# Decoherence in quantum systems always produces $\vert0\rangle$

I was recently asked two questions concerning error in quantum computing:

1. Is it possible for quantum computers to exhibit behavior similar to flip errors in classical computers where a state $$\vert0\rangle$$ becomes $$\vert1\rangle$$ due to this error?
2. Is it possible for a quantum computer to decohere to $$\vert1\rangle$$ or some probability distribution between $$\vert0\rangle$$ and $$\vert1\rangle$$ based on the state the system is currently in.

My own thoughts are that the first is possible depending on where in the Bloch sphere your qubits are and the operations you're trying to do. That's why we have quantum error-correction code.

The second question was more tricky. My explanation is that, if I have a density matrix representing the pure state $$\begin{bmatrix}1 & 0 & 0 & 1\end{bmatrix} / \sqrt 2$$: $$\begin{bmatrix}0.5 & 0 & 0 & 0.5 \\ 0 & 0 & 0 & 0 \\ 0 & 0 & 0 & 0 \\ 0.5& 0& 0& 0.5\end{bmatrix}$$

then I can see the probabilities of all given outcomes for the system. However, if I introduce some noise, I might get something like:

$$\begin{bmatrix}0.3 & 0 & 0 & 0.1 \\ 0 & 0.2 & 0 & 0 \\ 0 & 0 & 0.2 & 0 \\ 0.1& 0& 0& 0.3\end{bmatrix}$$

If I try to measure the state corresponding to this density matrix, I get the result 0.08, which is very close to 0. What I glean from this experiment is that, as the system interacts with the environment, information is lost, returning the system to the ground state, which is 0.

Is this interpretation correct? If not, can somebody provide more detail into what's going on?

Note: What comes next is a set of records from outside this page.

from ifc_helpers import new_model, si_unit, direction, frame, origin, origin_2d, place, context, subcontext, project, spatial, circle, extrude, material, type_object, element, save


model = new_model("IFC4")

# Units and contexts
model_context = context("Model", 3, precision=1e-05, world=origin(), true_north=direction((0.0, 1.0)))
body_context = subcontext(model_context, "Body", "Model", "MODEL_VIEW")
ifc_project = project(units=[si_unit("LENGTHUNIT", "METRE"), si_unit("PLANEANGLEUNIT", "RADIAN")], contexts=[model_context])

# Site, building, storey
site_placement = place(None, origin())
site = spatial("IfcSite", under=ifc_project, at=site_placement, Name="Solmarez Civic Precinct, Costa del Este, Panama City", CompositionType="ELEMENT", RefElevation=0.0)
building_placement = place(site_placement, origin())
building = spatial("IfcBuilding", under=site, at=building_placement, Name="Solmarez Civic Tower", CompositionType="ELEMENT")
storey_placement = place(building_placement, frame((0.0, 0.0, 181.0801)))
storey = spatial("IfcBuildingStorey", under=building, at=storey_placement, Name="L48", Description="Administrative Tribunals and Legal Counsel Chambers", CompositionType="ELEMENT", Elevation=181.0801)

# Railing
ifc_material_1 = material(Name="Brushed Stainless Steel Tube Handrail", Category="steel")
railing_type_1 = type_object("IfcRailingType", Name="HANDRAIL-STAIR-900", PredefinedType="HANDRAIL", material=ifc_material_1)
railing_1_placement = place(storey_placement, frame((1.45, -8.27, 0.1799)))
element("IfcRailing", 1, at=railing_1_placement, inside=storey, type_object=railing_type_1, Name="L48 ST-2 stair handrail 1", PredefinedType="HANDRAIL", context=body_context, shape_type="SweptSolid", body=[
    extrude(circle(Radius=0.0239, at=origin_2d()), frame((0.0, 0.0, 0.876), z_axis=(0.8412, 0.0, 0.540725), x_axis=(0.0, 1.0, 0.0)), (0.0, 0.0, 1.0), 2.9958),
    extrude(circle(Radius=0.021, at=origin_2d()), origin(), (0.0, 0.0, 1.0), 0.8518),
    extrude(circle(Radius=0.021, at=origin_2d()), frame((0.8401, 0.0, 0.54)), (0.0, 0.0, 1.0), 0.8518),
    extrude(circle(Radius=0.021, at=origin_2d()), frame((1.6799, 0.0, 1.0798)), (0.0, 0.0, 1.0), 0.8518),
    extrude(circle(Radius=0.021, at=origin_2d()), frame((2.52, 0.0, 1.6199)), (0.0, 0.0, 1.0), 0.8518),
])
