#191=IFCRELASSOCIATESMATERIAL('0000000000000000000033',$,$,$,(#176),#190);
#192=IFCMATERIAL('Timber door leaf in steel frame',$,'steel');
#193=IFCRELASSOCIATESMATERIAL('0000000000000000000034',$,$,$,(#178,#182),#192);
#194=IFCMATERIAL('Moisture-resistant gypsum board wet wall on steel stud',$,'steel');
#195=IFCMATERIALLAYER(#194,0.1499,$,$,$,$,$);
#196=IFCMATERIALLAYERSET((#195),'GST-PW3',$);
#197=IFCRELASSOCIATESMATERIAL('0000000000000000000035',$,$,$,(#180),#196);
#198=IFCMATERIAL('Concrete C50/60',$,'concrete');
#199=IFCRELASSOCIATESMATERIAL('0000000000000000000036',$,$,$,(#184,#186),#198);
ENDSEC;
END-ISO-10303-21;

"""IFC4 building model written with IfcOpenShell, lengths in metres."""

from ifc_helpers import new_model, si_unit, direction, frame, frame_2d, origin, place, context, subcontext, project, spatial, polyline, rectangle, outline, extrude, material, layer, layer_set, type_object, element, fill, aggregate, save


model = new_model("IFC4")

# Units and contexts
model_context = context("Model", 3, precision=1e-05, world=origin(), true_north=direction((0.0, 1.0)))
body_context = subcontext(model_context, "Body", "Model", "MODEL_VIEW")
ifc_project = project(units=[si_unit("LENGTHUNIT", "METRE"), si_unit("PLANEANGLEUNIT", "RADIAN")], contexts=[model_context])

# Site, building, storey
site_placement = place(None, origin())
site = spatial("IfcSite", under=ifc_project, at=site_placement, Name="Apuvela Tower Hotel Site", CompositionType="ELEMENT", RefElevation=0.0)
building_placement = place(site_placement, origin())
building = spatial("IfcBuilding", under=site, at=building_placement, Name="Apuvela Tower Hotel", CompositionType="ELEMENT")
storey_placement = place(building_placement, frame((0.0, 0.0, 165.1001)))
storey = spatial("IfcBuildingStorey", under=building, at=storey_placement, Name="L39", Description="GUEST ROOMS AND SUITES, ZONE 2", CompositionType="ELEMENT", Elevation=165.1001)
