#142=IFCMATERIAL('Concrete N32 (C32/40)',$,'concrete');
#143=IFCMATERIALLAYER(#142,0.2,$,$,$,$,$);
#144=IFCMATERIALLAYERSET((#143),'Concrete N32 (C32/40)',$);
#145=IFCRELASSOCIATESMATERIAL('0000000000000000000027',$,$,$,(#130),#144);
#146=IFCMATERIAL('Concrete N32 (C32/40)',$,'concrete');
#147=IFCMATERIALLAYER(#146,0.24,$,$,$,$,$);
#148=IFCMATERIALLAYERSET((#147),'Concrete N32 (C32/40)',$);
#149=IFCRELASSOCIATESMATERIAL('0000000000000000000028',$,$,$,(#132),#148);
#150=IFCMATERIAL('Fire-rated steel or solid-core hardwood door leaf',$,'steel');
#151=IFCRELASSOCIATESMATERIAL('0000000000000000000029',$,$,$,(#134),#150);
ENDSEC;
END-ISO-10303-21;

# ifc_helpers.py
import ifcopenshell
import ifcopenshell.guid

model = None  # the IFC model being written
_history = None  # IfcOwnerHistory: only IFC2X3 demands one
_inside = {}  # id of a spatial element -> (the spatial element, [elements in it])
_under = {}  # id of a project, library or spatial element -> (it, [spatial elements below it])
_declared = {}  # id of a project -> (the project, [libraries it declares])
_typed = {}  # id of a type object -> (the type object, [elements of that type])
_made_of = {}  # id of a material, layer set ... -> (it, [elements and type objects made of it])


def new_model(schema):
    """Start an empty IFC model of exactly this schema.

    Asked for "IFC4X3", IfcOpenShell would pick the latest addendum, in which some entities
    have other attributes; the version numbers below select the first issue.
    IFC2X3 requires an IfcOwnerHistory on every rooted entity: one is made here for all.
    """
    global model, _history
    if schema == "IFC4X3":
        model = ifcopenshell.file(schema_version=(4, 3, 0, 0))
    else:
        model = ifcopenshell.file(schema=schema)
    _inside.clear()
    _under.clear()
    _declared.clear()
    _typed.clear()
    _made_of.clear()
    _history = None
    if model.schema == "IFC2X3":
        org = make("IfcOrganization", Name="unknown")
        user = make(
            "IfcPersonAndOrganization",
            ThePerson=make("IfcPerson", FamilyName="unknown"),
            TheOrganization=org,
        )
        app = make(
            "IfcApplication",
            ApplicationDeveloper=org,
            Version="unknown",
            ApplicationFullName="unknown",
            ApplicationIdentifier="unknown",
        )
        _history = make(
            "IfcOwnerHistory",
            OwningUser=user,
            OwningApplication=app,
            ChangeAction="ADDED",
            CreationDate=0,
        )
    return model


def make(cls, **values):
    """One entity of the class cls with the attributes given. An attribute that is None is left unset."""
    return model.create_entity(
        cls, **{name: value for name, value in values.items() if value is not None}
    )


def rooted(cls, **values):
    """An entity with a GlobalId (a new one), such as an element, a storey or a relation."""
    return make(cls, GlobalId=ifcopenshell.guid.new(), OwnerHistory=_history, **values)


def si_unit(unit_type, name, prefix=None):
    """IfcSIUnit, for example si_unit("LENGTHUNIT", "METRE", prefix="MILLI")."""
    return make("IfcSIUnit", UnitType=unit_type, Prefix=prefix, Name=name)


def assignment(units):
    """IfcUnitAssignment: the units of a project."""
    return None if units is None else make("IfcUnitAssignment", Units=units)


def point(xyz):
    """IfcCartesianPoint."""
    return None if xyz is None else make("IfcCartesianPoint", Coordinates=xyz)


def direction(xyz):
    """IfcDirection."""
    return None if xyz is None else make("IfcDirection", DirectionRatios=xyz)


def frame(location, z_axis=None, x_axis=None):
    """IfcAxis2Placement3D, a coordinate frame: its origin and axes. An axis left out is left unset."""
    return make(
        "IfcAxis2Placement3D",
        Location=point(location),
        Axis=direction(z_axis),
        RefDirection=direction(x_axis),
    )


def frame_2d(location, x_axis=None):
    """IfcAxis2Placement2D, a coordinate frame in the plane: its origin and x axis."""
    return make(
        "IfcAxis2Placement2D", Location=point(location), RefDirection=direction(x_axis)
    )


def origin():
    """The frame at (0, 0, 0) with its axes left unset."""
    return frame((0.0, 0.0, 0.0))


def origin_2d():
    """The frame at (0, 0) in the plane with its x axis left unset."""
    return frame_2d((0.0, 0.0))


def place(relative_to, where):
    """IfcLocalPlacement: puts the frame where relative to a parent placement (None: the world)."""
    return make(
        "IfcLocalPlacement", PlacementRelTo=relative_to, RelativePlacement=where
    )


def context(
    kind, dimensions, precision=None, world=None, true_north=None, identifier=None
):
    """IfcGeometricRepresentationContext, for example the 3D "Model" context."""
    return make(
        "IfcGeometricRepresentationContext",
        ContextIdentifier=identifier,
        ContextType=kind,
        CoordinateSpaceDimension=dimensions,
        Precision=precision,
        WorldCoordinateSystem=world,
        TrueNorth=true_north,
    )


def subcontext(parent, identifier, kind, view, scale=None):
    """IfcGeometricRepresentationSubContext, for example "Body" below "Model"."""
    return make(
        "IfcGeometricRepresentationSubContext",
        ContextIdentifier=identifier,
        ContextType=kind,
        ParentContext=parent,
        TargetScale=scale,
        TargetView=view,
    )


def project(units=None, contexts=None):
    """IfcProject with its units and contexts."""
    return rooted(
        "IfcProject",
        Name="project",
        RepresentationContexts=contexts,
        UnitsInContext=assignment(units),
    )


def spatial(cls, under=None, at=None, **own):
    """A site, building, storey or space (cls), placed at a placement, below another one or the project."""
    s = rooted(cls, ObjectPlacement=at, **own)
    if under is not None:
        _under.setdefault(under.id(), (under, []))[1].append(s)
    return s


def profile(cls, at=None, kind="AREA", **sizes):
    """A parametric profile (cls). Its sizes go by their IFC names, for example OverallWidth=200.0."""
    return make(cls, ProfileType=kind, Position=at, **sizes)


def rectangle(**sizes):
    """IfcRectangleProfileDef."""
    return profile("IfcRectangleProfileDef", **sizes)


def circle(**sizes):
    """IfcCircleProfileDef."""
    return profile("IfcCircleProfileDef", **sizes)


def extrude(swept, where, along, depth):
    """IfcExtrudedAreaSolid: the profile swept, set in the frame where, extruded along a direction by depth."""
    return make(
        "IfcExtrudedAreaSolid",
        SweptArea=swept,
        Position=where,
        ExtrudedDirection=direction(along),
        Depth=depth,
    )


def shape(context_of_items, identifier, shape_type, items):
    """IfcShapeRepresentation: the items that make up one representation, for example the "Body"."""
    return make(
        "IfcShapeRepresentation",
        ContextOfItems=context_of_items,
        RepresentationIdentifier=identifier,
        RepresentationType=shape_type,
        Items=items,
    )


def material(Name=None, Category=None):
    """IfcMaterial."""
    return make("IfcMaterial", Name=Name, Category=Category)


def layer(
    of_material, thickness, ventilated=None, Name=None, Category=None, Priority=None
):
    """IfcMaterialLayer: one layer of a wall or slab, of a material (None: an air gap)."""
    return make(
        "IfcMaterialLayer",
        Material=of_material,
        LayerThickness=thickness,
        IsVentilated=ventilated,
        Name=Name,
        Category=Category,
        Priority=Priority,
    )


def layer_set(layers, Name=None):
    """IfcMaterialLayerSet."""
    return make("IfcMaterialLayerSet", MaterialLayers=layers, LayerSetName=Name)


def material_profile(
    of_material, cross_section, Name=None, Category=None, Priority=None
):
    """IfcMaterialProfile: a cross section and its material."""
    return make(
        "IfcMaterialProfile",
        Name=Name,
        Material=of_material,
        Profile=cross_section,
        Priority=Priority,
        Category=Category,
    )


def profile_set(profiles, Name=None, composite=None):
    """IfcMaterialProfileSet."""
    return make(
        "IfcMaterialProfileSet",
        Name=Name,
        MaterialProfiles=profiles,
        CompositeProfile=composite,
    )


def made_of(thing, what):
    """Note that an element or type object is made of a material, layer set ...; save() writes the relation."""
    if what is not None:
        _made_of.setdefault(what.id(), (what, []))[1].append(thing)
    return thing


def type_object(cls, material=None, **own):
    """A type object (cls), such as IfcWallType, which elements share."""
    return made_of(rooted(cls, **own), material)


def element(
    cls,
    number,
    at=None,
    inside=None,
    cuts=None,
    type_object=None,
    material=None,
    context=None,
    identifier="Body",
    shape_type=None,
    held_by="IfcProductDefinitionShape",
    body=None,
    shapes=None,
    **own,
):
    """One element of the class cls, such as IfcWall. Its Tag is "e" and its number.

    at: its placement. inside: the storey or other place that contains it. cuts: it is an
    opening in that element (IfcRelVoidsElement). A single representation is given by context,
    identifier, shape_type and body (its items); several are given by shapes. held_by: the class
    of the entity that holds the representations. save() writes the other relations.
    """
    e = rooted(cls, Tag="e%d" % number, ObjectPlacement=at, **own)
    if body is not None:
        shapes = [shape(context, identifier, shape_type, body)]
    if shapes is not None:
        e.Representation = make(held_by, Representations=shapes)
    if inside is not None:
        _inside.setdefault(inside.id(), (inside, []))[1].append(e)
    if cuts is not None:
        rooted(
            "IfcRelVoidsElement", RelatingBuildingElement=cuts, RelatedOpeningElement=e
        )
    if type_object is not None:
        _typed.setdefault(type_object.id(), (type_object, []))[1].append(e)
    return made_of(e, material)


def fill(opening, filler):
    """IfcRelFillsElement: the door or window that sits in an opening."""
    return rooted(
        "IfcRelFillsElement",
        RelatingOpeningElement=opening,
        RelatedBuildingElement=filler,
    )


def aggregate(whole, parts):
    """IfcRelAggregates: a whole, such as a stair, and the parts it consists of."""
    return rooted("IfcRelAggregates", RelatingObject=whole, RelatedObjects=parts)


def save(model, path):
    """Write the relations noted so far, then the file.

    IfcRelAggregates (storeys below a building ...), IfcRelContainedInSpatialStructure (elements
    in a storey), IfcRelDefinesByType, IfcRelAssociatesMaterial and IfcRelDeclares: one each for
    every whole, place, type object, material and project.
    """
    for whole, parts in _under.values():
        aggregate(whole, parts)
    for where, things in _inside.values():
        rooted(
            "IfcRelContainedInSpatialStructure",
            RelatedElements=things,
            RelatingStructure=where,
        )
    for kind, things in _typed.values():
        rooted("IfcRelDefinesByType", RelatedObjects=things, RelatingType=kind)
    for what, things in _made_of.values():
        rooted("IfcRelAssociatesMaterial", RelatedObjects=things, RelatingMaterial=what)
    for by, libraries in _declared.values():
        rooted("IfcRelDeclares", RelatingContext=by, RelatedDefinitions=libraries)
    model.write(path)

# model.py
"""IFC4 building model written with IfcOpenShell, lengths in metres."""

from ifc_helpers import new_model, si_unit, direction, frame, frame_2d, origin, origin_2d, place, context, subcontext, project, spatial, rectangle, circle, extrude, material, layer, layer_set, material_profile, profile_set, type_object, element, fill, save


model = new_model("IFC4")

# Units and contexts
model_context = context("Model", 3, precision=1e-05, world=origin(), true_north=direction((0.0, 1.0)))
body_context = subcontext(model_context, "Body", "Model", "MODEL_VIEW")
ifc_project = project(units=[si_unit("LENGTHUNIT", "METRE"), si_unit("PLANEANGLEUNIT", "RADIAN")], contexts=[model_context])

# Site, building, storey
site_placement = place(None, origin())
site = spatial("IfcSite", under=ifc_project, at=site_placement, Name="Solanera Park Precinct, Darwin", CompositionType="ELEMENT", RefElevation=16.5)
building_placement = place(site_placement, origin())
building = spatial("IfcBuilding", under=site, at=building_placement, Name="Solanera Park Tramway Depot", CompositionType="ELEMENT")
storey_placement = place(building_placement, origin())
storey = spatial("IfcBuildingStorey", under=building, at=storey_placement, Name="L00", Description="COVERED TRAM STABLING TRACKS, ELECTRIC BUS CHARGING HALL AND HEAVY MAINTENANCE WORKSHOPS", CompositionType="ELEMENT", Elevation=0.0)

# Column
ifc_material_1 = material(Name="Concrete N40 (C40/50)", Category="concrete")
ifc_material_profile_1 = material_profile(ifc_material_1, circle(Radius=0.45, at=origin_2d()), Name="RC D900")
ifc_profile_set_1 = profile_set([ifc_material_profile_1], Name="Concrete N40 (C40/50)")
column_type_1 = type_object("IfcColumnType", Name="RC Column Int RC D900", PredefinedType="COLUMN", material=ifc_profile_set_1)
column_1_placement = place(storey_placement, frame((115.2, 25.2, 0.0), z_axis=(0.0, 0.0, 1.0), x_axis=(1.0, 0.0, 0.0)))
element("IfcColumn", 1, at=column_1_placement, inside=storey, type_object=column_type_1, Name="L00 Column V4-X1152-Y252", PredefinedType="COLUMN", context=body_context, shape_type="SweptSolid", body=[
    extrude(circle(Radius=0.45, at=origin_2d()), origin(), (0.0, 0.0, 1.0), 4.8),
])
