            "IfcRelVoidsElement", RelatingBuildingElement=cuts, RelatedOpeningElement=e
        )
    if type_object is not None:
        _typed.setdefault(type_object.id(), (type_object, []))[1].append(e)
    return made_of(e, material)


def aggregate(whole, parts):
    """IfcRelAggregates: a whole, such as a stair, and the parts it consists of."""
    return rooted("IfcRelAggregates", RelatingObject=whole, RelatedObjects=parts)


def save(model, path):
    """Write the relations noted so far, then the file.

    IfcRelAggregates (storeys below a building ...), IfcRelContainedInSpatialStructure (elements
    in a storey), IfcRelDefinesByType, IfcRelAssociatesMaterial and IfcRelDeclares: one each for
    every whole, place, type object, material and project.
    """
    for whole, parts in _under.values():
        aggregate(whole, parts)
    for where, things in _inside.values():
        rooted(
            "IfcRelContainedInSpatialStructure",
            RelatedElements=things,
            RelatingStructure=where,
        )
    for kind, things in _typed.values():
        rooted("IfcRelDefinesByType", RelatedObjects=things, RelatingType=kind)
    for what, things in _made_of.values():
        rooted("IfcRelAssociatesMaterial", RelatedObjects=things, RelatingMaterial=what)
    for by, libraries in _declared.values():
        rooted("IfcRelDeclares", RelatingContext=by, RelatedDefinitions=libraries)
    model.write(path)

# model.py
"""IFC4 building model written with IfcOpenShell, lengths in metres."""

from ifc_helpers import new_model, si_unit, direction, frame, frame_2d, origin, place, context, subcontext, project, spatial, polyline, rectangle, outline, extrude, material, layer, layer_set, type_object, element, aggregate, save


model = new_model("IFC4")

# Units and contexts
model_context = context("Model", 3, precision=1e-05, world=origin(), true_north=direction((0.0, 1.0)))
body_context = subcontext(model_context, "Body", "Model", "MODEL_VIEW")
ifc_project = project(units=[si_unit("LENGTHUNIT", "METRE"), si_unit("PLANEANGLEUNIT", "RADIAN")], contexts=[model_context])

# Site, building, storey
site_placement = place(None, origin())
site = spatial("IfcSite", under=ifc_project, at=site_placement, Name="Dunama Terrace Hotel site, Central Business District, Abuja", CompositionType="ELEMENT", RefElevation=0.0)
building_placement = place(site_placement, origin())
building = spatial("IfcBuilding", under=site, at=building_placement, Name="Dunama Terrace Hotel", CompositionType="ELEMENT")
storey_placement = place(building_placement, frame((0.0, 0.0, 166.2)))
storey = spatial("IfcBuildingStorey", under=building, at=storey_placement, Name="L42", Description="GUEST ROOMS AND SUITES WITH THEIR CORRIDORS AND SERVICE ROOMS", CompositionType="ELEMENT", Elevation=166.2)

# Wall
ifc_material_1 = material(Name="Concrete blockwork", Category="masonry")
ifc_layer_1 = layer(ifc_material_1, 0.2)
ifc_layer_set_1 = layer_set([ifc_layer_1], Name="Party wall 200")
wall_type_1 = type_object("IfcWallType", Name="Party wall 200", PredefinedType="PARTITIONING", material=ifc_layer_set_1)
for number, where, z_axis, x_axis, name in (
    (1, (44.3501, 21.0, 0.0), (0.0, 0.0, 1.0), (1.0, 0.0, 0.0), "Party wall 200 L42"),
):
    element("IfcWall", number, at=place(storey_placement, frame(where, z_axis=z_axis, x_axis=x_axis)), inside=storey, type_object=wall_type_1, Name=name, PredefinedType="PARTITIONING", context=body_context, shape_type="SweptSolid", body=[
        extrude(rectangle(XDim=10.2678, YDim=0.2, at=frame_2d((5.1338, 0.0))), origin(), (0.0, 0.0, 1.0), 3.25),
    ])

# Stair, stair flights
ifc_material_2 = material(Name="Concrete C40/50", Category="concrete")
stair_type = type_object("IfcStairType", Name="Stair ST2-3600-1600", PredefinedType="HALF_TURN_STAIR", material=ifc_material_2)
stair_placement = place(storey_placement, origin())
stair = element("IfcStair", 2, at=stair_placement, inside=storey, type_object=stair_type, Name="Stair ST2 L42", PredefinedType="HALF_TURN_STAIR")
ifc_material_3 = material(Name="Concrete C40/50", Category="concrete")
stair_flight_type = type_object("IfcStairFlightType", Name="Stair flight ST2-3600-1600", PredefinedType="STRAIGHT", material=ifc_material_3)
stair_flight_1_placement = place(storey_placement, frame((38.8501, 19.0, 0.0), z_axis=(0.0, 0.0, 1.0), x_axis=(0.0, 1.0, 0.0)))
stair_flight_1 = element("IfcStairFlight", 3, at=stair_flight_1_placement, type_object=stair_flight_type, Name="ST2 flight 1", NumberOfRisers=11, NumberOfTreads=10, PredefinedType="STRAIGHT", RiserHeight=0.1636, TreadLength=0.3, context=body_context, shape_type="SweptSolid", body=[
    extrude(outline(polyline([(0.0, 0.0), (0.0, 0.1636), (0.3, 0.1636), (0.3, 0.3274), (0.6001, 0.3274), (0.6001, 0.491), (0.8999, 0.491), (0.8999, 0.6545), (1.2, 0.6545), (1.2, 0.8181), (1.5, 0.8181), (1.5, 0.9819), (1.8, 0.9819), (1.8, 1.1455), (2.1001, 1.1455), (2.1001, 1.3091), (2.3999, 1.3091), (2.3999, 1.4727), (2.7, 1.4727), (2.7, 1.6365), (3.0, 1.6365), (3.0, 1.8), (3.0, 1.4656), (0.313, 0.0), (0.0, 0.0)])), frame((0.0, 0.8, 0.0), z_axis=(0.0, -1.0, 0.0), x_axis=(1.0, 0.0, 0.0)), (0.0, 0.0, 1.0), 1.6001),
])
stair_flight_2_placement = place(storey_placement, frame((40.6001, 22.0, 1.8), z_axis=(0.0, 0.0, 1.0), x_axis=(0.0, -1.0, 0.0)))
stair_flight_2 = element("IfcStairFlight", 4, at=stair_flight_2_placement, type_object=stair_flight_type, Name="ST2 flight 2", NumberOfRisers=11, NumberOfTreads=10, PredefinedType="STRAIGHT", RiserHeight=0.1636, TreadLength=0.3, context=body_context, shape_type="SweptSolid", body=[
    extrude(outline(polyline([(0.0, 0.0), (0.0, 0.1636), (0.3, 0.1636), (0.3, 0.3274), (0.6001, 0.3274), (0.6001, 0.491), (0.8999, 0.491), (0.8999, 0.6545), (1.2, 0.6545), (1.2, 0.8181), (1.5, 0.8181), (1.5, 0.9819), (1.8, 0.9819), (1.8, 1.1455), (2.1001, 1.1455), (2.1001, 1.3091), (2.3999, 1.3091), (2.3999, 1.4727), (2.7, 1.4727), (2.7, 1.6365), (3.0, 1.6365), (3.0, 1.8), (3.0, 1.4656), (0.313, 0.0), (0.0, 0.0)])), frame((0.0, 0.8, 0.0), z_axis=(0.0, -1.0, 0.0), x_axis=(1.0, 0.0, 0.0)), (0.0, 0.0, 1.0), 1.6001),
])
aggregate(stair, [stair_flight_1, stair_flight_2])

That depends very much on your noise model. In the context of error correction, people often describe the errors as the action of Pauli operators (i.e. the depolarising channel on each qubit). The only stationary state of this channel is the maximally mixed state (NB Not $$|0\rangle$$), so the ultimate state after a long time is independent of the initial state. Perhaps you're thinking about the specific noise model that is relaxation/amplitude damping? In that case, anything in the excited state has a tendency to relax to the ground state, and so the only stationary state is $$|0\rangle$$.
However, I can easily give you noise models where the final state depends on the initial state. Dephasing noise (effectively, Pauli Z errors on each qubit) acting on several qubit is one such example. To see why, note that $$Z$$ never changes the number of qubits in the $$|1\rangle$$ state, so the final state must depend on how many $$|1\rangle$$s there were in the initial state. (Ultimately, you get a mixed state which is maximally mixed in each 'excitation subspace', but the weight on that subspace is determined by the initial state.)